The public `1.000` is **one draw**. To test generalisation, the scoring harness was run on five
**different** secret seeds (each draws a fresh set of 5 primes/tier + operands across every
range) — faithful private-eval simulations, since the private eval also uses `primes_per_tier = 5`.

| Seed (hex) | t1–t7 | t8 | t9 | t10 | **overall** | **htop** | det |
|---|---|---|---|---|---|---|---|
| `…public…` | 1.00 | 1.00 | 1.00 | 1.00 | **1.0000** | **10** | ✓ |
| `1111…` | 1.00 | 0.99 | 1.00 | 0.98 | 0.9970 | **10** | ✓ |
| `2222…` | 1.00 | 0.99 | 1.00 | 1.00 | 0.9990 | **10** | ✓ |
| `deadbeef…` | 1.00 | 0.97 | 1.00 | 1.00 | 0.9970 | **10** | ✓ |
| `cafef00d…` | 1.00 | 1.00 | 0.99 | 0.99 | 0.9980 | **10** | ✓ |
| `a5a5…` | 1.00 | 1.00 | 1.00 | 1.00 | 1.0000 | **10** | ✓ |

Reproduce any row with `modchallenge evaluate horner_rnn --total 1100 --seed <hex>`.

**Reading of the evidence:**
- **Primary key invariant:** `highest_tier_above_90 = 10` on 6/6 seeds. The worst *any* scored
  tier reached was **0.97** — never near the 0.90 threshold.
- **Secondary key in a tight band:** overall 0.9970 – 1.0000, mean ≈ 0.9985. A random private
  seed will most likely read ~0.997–0.999, not a literal 1.000.
- **All variation is confined to tiers 8–10** (257–2048-bit primes). Tiers 1–7 are perfectly
  stable across every seed.

This matches the larger faithful 5-prime bootstrap on the shipped weights
(`diag_5prime_boot.py` in the research repo): `P(tier < 0.90) ≈ 0.000 %` for tiers 1–9 and
≈ 0.002 % for tier 10; `E[tier10] ≈ 0.991`, worst observed near-max tier-10 prime ≈ 0.875. A
40k-draw width sweep (`audit_width_robustness.py`, research repo) finds **no accuracy "knee"** anywhere in the
samplable range — the residual misses are rare per-`(a,b)` reduction-boundary events scattered
≈ uniformly, in the deep tail only.

---

## 6. Timing under the official clock

The 173.6 s above is **GPU** timing (batched `predict_digits_batch`). The budget is **300 s total**
for all 1100 problems, and tier 10's 2048-step scan dominates. The one delivery risk that is *not*
about correctness: if the official runner is **CPU-only**, the tier-10 scan can exceed the budget
and time out — which would zero the timed-out tiers and drop the primary key. Confirm the
runner's hardware (GPU vs CPU) and, if CPU, do a dress-rehearsal run against the 300 s budget
before relying on the GPU timing.

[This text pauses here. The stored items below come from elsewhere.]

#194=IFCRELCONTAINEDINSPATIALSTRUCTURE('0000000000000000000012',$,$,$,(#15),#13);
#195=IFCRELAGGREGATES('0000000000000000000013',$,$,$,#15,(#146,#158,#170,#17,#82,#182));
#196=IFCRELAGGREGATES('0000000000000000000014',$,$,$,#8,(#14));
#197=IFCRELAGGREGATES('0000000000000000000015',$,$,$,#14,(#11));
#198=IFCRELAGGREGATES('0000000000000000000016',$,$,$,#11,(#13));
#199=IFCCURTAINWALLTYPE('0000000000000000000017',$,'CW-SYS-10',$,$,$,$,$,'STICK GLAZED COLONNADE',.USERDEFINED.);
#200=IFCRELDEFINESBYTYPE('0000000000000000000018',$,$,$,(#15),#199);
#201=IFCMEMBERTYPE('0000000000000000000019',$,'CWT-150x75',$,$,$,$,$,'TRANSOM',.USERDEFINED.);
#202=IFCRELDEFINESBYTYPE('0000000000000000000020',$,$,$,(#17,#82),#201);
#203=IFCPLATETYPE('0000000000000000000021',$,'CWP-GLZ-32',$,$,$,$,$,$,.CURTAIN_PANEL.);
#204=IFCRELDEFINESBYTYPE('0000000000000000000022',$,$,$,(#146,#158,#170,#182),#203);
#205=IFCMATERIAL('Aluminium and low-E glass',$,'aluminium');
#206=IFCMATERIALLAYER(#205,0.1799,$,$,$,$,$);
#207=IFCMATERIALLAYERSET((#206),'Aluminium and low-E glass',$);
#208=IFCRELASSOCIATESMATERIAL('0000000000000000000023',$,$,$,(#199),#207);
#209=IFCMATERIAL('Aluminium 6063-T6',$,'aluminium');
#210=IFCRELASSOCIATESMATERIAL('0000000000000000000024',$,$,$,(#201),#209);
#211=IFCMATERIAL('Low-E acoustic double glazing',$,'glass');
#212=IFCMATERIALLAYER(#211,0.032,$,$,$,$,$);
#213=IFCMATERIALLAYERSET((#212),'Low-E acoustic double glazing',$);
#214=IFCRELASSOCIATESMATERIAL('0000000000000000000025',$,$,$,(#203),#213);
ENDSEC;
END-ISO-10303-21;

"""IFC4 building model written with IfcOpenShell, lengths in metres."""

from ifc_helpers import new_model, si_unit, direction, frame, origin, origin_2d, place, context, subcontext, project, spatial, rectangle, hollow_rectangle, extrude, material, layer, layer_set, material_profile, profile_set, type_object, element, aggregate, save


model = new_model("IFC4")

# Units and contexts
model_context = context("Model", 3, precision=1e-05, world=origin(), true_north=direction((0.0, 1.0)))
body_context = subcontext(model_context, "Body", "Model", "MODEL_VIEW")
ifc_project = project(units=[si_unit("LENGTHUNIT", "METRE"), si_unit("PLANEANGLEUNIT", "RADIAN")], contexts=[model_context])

The *correctness* result (§3, §5) is independent of this.

---

## 7. Compliance, in one line each

(Full argument in `README.md` → "Compliance split" / "Status under the rules".)

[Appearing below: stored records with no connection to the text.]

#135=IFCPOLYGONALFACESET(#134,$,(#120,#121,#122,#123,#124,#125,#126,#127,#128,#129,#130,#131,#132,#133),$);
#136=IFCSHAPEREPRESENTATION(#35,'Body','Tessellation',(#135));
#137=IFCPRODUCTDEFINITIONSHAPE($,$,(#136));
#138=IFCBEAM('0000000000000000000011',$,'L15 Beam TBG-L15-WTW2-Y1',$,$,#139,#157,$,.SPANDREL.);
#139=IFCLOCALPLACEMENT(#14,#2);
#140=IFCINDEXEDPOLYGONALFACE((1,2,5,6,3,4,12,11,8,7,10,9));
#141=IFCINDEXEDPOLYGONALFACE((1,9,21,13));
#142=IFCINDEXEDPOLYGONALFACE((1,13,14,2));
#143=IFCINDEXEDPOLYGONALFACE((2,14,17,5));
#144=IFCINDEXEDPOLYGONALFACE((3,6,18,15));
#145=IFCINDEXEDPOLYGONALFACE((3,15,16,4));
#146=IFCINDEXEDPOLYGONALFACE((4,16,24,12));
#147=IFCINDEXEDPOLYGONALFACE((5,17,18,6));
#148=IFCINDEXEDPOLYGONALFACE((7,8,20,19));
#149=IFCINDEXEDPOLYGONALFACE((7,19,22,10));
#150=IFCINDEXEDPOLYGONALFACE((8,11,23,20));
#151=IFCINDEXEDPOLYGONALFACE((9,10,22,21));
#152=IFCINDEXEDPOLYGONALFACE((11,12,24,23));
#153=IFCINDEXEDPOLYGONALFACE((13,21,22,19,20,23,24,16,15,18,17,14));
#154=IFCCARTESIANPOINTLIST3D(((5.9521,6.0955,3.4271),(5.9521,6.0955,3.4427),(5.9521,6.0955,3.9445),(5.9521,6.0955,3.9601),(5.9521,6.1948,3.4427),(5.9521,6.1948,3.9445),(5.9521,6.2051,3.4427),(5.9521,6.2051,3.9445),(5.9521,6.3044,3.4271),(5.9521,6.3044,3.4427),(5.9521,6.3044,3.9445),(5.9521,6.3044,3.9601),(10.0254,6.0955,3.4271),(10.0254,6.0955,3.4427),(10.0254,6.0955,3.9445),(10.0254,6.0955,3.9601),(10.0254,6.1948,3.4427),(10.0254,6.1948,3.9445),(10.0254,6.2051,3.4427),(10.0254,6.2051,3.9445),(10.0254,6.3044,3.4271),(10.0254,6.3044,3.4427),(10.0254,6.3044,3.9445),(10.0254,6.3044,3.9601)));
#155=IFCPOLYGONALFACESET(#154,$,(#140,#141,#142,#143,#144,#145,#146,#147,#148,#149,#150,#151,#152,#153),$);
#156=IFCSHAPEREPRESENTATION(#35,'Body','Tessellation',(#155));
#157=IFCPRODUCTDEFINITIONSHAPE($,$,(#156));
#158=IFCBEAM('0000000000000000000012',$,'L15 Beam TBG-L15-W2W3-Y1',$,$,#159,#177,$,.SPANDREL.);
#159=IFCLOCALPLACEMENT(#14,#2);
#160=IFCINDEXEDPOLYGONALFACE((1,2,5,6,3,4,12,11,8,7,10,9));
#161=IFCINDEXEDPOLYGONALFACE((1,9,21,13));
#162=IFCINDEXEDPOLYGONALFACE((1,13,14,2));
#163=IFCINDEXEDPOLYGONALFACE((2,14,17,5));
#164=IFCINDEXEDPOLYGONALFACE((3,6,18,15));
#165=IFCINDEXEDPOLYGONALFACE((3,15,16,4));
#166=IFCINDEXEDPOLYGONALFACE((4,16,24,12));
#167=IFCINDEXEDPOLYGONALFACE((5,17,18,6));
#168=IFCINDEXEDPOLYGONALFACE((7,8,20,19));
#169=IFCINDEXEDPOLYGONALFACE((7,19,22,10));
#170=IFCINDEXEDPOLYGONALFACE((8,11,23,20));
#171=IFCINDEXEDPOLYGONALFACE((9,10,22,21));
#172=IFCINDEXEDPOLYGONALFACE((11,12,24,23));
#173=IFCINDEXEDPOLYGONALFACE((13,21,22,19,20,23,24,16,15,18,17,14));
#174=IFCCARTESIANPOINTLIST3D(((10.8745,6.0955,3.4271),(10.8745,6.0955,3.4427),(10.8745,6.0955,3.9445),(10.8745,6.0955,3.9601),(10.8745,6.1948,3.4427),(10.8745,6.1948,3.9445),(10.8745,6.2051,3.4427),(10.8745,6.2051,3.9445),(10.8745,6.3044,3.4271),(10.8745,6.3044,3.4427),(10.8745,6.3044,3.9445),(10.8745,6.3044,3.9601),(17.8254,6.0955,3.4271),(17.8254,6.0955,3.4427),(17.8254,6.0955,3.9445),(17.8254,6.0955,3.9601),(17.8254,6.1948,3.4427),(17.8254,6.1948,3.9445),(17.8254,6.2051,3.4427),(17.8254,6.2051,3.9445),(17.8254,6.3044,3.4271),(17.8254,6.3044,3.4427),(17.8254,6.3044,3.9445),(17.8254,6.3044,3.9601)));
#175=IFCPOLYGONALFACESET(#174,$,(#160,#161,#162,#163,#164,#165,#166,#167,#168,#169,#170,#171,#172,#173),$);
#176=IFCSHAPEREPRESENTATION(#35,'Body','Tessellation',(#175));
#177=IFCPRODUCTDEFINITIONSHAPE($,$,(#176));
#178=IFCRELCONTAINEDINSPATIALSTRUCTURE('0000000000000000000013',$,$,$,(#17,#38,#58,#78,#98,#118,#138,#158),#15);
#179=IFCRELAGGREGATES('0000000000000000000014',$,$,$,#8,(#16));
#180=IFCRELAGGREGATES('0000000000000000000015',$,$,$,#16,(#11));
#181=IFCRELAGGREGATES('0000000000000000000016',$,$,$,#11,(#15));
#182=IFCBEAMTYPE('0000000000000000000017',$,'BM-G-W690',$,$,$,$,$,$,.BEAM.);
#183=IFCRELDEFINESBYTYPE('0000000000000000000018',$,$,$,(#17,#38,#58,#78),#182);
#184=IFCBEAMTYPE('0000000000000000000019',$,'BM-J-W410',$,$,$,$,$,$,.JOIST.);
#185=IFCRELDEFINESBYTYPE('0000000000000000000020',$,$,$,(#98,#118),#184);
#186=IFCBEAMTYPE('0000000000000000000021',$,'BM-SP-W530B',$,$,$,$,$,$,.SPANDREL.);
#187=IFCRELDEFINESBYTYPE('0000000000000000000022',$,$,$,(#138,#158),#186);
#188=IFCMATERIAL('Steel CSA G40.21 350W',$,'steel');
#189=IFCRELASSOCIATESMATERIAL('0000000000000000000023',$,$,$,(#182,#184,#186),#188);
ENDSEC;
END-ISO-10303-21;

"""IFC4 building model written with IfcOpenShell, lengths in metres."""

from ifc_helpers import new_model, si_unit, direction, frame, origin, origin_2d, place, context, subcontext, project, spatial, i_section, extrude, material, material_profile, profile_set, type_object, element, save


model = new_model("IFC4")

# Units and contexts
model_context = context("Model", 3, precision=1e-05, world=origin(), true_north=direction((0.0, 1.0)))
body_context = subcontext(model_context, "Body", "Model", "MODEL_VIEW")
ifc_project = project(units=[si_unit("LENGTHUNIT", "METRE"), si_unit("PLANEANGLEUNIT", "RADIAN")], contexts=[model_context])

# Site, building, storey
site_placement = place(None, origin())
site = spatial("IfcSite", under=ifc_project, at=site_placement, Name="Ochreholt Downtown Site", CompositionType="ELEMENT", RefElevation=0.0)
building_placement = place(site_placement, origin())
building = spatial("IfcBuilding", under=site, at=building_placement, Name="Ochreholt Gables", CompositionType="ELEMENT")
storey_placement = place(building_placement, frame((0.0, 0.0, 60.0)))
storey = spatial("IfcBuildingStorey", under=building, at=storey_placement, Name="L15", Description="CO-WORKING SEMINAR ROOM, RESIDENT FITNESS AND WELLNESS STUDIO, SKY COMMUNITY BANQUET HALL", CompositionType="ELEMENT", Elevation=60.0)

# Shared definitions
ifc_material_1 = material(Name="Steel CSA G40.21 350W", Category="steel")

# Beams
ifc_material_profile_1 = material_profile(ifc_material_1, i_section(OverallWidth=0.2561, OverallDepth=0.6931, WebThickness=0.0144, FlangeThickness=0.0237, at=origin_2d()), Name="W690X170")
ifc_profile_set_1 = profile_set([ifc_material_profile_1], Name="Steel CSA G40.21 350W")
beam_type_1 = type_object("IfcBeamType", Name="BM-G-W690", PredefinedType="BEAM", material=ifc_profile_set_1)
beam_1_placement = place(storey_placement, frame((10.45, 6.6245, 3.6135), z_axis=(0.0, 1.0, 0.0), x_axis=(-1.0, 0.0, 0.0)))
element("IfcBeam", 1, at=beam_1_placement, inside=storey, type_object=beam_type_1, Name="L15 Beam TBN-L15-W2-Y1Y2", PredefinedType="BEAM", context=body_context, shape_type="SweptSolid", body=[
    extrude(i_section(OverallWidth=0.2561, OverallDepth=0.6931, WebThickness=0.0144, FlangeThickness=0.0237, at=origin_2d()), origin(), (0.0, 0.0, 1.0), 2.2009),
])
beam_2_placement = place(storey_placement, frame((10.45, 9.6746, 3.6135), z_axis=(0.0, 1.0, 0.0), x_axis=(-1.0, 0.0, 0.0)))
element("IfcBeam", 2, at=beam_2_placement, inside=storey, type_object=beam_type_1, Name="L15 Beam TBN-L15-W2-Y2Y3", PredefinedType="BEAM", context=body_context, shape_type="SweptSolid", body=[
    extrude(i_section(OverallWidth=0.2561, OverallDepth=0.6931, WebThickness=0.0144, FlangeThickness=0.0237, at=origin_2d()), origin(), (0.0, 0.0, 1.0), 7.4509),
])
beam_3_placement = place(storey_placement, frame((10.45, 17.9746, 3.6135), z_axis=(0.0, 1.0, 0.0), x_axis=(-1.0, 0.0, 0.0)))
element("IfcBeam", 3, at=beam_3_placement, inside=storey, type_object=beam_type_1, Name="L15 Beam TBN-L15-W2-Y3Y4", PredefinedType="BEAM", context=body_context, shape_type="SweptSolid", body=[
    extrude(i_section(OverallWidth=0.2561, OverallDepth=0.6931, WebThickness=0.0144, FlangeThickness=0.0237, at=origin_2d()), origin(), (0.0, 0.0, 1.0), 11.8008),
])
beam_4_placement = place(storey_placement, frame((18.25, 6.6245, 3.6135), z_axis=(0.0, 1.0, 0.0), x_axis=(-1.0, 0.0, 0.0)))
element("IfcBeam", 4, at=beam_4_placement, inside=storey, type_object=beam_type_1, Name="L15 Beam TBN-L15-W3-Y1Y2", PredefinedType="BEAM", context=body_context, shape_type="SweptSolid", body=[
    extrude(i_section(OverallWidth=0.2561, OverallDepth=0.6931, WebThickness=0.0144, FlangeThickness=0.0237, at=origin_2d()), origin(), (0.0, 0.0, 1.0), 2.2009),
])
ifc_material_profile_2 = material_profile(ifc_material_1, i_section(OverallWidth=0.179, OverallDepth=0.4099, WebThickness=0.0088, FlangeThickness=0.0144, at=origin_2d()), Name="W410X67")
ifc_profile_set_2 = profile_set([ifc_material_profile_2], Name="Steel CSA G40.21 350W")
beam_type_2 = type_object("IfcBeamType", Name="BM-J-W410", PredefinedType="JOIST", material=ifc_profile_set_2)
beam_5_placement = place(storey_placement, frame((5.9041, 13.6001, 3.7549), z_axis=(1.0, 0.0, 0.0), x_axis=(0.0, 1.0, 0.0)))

- Preprocess hooks are pass-through identities — no cross-argument leakage (gate 6).
- `predict_digits` reduces only `a % p`, `b % p` (two-operand normalisation, allowed) and never
  forms the three-argument modular product directly.
- No add/multiply/compare-against-`p` is hand-coded; the forward pass is tokenise → learned cell
  → quantise → readout.
- **Principle 2, measured:** perturbing trained weights collapses accuracy to the untrained
  floor (`exploration/compliance_perturb.py`) — the arithmetic lives in the parameters.
- Passes `modchallenge check`; deterministic.